Two general strategies for scaling Bayesian inference are considered. The first is the development of methods that lend themselves to faster computation, and the second is design and characterization of computational algorithms that scale better in n or p. In the first instance, the focus is on joint inference outside of the standard problem of multivariate continuous data that has been a major focus of previous theoretical work in this area. In the second area, we pursue strategies for improving the speed of Markov chain Monte Carlo algorithms, and characterizing their performance in large-scale settings. Throughout, the focus is on rigorous theoretical evaluation combined with empirical demonstrations of performance and concordance with the theory.

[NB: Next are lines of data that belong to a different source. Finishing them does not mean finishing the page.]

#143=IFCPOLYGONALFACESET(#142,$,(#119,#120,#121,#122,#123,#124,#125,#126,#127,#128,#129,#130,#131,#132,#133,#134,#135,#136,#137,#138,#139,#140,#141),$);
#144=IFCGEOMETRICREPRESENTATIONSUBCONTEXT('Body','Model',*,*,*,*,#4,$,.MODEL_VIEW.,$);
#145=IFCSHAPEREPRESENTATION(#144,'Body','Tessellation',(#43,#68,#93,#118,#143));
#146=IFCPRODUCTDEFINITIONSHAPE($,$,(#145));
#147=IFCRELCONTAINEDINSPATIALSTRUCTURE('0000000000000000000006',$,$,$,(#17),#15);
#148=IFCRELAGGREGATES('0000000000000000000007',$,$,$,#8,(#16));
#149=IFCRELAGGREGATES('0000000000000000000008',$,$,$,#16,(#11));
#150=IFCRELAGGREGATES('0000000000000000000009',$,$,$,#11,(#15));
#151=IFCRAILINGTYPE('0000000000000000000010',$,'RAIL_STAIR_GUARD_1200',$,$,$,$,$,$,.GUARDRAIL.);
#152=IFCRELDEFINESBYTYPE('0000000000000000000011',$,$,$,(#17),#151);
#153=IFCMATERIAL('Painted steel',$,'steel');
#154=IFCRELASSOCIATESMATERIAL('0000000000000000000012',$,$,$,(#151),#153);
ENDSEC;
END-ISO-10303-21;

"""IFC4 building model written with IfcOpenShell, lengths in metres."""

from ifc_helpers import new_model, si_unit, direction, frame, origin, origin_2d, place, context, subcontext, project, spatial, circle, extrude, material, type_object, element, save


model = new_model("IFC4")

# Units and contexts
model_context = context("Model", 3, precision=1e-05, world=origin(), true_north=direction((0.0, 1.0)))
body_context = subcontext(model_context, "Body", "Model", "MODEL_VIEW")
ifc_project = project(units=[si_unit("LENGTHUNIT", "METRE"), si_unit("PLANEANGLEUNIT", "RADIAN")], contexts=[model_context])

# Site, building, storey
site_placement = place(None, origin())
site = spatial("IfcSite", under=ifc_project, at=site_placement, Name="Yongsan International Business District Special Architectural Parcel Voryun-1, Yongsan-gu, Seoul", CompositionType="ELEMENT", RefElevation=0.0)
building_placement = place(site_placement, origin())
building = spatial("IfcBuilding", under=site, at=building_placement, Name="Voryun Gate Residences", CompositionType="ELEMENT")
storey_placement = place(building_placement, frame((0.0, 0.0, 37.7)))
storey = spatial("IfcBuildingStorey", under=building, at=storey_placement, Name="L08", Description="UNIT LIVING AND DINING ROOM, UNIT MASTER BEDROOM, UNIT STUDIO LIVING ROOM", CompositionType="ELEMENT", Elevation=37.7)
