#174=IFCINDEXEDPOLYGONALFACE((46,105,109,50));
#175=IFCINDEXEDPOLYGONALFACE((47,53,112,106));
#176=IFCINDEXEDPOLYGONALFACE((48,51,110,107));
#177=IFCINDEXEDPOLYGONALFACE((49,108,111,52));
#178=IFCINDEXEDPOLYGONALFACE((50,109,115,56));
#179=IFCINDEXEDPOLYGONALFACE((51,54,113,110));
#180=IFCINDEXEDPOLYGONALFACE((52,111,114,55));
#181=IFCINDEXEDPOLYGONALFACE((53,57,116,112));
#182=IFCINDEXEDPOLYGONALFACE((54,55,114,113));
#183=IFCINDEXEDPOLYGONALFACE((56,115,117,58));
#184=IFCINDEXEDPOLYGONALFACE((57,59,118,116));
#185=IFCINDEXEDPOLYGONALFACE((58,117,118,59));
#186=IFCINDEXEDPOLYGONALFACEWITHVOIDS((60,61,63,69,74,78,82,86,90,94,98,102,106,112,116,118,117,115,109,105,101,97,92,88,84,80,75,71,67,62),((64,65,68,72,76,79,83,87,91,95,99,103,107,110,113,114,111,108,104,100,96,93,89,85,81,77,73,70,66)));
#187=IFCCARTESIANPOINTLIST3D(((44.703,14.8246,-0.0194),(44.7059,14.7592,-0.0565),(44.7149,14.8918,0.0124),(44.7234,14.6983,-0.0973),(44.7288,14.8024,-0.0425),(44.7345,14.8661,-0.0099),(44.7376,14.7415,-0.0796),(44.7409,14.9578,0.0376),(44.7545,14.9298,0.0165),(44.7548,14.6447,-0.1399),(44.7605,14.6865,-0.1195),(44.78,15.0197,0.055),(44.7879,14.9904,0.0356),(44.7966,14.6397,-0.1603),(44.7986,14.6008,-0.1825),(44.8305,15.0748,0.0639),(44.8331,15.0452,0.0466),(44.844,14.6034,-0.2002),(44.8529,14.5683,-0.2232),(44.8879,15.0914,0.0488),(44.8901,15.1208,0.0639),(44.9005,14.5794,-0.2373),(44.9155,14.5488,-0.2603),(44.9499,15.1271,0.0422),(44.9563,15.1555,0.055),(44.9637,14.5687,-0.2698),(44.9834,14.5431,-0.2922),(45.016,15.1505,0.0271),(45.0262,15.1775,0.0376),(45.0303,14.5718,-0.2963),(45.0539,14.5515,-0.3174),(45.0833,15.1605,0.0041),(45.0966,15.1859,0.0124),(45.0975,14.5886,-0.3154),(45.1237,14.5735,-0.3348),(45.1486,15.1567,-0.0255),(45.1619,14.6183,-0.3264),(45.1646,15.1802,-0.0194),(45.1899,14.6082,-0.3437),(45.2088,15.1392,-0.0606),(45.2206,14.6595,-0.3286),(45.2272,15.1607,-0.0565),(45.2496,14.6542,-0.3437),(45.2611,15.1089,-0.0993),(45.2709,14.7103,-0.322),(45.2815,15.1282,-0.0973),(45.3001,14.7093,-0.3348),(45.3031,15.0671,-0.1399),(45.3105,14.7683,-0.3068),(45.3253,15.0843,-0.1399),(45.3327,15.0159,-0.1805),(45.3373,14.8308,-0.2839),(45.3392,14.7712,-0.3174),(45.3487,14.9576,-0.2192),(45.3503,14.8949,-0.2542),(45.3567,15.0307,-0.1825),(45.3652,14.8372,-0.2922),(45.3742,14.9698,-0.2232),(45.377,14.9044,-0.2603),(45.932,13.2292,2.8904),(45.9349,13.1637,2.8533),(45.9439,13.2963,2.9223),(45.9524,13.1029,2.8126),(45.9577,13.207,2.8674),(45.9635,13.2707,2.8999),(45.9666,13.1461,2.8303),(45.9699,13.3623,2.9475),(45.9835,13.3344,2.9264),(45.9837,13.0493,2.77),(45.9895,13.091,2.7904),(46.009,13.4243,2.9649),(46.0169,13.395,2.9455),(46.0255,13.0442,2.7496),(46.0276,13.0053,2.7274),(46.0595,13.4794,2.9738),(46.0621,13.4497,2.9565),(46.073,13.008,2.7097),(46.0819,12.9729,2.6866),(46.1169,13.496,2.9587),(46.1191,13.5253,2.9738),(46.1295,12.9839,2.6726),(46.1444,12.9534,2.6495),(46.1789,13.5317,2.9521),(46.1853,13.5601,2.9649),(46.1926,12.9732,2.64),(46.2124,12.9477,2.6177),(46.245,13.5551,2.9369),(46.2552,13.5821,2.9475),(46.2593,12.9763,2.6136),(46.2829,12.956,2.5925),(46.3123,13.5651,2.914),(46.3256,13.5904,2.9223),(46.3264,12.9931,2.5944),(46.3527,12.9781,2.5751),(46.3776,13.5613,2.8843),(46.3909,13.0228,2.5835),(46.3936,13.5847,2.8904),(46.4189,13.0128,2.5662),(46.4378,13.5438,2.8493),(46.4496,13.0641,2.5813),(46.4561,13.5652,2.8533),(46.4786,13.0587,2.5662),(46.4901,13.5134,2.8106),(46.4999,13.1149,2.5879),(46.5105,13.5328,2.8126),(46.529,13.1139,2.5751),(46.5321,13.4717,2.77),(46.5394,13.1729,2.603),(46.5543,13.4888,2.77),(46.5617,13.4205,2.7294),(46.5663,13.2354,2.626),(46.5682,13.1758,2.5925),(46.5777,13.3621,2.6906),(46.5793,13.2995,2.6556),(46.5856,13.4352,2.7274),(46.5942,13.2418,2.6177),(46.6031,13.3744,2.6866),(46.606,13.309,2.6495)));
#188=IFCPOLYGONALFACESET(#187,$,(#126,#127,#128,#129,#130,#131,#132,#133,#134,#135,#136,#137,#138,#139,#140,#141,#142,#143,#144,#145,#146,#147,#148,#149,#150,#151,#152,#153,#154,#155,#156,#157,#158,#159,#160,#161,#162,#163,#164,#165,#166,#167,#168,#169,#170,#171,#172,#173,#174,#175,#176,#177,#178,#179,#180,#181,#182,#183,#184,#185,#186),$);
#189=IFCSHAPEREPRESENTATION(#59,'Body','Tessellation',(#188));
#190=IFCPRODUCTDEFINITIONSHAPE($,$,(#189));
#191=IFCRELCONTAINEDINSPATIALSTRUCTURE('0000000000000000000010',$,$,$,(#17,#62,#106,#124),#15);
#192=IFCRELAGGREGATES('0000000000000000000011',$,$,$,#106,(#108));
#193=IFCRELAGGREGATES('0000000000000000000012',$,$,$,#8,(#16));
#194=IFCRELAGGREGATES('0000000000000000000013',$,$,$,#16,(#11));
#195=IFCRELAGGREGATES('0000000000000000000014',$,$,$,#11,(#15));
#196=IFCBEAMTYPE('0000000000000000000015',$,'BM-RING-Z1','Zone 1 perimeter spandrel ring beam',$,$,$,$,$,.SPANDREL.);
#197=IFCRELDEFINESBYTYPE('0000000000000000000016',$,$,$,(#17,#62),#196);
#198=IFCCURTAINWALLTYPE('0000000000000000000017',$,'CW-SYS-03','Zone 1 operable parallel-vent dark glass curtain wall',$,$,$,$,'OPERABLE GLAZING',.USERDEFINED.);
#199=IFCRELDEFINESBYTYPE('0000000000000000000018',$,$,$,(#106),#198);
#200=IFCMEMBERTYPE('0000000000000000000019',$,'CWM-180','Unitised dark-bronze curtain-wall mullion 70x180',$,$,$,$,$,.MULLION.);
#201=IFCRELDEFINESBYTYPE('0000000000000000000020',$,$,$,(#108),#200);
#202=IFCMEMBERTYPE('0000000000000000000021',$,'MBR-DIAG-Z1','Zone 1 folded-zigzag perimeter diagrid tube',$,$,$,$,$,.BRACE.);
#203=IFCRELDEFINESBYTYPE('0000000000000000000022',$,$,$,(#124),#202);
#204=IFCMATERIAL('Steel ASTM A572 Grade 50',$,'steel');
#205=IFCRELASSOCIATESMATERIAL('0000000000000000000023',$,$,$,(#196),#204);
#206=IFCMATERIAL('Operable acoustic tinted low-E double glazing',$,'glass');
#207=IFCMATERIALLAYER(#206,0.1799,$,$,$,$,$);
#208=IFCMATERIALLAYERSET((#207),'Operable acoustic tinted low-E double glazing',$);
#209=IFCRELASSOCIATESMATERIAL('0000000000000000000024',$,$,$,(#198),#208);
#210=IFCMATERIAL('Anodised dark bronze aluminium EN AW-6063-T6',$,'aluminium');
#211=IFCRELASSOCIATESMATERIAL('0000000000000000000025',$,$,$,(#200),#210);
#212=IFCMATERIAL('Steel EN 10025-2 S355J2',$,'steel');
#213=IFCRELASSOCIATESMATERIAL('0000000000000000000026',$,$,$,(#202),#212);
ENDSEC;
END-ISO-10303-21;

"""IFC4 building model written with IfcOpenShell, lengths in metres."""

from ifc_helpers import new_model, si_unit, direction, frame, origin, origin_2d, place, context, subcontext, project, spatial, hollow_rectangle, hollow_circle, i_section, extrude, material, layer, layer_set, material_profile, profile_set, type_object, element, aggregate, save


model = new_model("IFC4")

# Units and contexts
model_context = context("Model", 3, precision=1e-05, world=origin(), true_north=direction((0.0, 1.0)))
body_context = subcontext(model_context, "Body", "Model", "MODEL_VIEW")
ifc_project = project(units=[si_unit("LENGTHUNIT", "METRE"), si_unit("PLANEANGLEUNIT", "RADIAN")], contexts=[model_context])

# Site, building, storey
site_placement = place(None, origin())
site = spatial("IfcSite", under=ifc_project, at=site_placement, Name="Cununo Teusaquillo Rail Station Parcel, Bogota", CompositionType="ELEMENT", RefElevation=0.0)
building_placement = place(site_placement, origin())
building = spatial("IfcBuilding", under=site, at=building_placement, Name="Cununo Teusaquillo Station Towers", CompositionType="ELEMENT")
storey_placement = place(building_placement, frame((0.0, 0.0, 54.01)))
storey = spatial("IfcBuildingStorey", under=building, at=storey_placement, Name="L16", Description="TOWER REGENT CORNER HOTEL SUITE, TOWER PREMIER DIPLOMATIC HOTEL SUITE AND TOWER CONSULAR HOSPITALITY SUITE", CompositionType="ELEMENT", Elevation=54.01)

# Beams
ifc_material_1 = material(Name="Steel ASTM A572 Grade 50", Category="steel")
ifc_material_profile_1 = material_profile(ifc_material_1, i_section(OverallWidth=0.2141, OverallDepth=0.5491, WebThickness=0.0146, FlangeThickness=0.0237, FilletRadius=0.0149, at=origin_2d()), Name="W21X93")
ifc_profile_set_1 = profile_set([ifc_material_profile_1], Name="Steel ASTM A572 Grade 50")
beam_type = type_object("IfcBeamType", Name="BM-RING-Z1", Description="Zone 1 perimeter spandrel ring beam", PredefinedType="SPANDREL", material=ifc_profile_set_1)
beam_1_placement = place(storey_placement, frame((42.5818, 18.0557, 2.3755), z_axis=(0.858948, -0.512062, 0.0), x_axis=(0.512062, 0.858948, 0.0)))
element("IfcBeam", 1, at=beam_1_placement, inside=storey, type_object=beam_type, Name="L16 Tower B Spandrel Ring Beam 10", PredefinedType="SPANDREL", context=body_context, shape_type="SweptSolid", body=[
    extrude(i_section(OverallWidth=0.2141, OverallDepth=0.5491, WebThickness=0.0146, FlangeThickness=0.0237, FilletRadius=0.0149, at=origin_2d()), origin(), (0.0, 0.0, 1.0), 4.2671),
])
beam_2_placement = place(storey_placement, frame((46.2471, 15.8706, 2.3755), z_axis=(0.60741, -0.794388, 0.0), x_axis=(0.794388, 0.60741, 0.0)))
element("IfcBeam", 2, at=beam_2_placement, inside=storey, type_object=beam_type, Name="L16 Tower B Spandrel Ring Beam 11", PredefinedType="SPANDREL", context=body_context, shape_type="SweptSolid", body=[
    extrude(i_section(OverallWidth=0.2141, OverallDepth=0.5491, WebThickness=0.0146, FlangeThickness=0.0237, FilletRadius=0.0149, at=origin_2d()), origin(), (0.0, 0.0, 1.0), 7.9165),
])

One topic we consider is modeling the joint distribution of multivariate categorical data, often summarized in a contingency table. Contingency table analysis routinely relies on log-linear models, with latent structure analysis providing a common alternative. Latent structure models lead to a reduced rank tensor factorization of the probability mass function for multivariate categorical data, while log-linear models achieve dimensionality reduction through sparsity. Little is known about the relationship between these notions of dimensionality reduction in the two paradigms. In Chapter 2, we derive several results relating the support of a log-linear model to nonnegative ranks of the associated probability tensor. Motivated by these findings, we propose a new collapsed Tucker class of tensor decompositions, which bridge existing PARAFAC and Tucker decompositions, providing a more flexible framework for parsimoniously characterizing multivariate categorical data. Taking a Bayesian approach to inference, we illustrate empirical advantages of the new decompositions.
Latent class models for the joint distribution of multivariate categorical, such as the PARAFAC decomposition, data play an important role in the analysis of population structure. In this context, the number of latent classes is interpreted as the number of genetically distinct subpopulations of an organism, an important factor in the analysis of evolutionary processes and conservation status. Existing methods focus on point estimates of the number of subpopulations, and lack robust uncertainty quantification. Moreover, whether the number of latent classes in these models is even an identified parameter is an open question. In Chapter 3, we show that when the model is properly specified, the correct number of subpopulations can be recovered almost surely. We then propose an alternative method for estimating the number of latent subpopulations that provides good quantification of uncertainty, and provide a simple procedure for verifying that the proposed method is consistent for the number of subpopulations. The performance of the model in estimating the number of subpopulations and other common population structure inference problems is assessed in simulations and a real data application.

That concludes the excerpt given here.